Parkinson volatility takes account of the whole intra-day range and in principle can be more efficient measures of market variability.Using the Parkinson estimator, there is some evidence of heightened intra-day volatility since the onset of the crisis as the market tries to process heavy news flow. Parkinson volatility has doubled from 20 percent to 40 percent since Jan. 24.
Parkinson volatility is now in the 93rd percentile of the distribution since 1991. Traders are not wrong to think that prices have become more volatile during the day than before the crisis erupted – even if a significant portion of that variability looks like noise and is reversed by the time the market closes (Charts 2-4).
But again the main impact of the crisis has been to move the market from a period of unusually low intra-day volatility before January 24 (the 21st percentile of the distribution) to a period of unusually high but not extreme volatility now (93rd percentile). It is impossible to know how much of the is attributable to “fundamentals” (real changes in current and expected supply and demand) and how much is due to “noise” (over-reaction to news flow by uninformed market participants). But the sharp increase in intra-day volatility while close-to-close volatility remains more muted suggests price changes have a higher noise content than normal at the moment.
THE DOG THAT DIDN’T BARK
The lack of a bigger response in terms of either outright prices or observed volatility requires explanation. If a threat to the Middle East countries accounting for onethird of global oil production and Japan’s nuclear disaster do not move prices and volatility significantly, something is clearly happening.
Several explanations suggest themselves and are not exclusive:
(1) Market participants are still struggling to comprehend and price changes which are unusually large and complex. It is well known that prices do not always adjust quickly and can take time to fully incorporate fundamental shifts in supply and demand. If that is what’s happening here, the market could still see significant changes in prices and volatility in the months ahead as the full impact are more fully understood.
(2) Market participants may be assuming recent crises cancel one another out.

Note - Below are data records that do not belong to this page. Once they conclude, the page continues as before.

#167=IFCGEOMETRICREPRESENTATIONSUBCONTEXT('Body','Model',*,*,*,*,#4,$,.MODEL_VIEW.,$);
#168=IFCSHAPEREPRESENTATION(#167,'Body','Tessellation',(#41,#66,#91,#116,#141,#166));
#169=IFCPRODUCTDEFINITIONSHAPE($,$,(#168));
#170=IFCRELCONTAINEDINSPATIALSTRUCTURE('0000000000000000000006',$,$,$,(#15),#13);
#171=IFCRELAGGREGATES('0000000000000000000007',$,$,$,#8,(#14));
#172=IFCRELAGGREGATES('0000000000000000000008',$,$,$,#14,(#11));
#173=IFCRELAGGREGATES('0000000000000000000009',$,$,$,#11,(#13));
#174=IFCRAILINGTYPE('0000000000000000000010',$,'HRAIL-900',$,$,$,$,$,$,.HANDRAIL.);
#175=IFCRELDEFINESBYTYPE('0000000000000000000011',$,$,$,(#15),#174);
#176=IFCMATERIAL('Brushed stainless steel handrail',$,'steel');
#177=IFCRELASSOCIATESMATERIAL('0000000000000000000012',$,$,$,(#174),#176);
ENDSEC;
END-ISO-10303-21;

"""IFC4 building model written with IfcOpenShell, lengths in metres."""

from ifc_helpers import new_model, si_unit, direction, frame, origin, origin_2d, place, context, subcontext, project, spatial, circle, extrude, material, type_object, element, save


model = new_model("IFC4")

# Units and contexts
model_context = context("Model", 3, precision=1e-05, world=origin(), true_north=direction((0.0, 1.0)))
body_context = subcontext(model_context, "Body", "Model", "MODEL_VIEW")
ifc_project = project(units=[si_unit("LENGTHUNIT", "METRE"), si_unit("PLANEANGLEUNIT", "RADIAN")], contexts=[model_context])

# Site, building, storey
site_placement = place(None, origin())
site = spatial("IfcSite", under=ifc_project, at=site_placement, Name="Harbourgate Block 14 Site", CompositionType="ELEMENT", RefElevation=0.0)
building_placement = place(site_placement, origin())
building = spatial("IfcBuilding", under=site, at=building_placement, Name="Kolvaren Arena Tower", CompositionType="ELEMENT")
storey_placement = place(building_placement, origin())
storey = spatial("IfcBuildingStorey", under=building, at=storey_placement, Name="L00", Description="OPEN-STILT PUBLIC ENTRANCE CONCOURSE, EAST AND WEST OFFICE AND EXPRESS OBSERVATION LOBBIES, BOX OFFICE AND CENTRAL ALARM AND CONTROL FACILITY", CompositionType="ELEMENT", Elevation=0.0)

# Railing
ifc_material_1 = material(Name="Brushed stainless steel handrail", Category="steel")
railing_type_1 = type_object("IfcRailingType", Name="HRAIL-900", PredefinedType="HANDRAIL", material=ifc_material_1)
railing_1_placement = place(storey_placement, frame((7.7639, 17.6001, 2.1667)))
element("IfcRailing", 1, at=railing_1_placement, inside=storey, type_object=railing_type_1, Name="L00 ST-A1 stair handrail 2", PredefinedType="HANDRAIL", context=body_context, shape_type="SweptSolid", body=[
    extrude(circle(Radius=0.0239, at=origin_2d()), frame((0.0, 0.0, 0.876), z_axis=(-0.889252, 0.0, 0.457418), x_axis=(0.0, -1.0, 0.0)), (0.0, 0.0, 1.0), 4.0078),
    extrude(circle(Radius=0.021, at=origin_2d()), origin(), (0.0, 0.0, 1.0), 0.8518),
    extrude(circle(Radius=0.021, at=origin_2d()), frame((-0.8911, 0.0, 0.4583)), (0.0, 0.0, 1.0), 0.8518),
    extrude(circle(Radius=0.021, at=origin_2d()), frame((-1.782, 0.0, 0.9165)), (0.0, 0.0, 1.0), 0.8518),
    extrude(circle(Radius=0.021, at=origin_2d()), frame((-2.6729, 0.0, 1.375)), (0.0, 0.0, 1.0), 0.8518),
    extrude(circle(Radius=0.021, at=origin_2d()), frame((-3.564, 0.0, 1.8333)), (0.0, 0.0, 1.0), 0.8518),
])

Supply shocks from the loss of Libyan crude and Japan’s nuclear generators as well as the possible threat to production in the Gulf region could be offset by a demand shock from the earthquake and reduced consumer and business confidence around the globe.
(3) Market participants may have concluded recent shocks, while frightening, do not alter the supply-demandinventory balance much. Loss of Libya’s exports has been largely replaced by output from other sources. Increased demand for oil-fired power generation in Japan is not significant on a global scale (at least for the crude market rather than diesel and fuel oil).
Interruption of oil output in Saudi Arabia and other Gulf producers would be very different – a genuine gamechanger transforming the supply-demand balance, but market participants may have concluded the risk is still remote, especially given the determined suppression of protests in Bahrain and Saudi Arabia recently.
(4) It is not clear how the market should price extreme impact but low probability events such as political unrest and disruption to oil supplies in the Gulf. It may already be pricing in a small chance of disruptions to Saudi and Gulf output.
On the other hand, participants may be seriously under-estimating and under-pricing the non-zero possibility of a really serious supply disruption. Markets often struggle pricing tail risks, sometimes wildly overpricing them and sometimes underpricing them. It is not clear which is the case at the moment.
Ends –
By John Kemp, Reuters market analyst – for Commodities Now.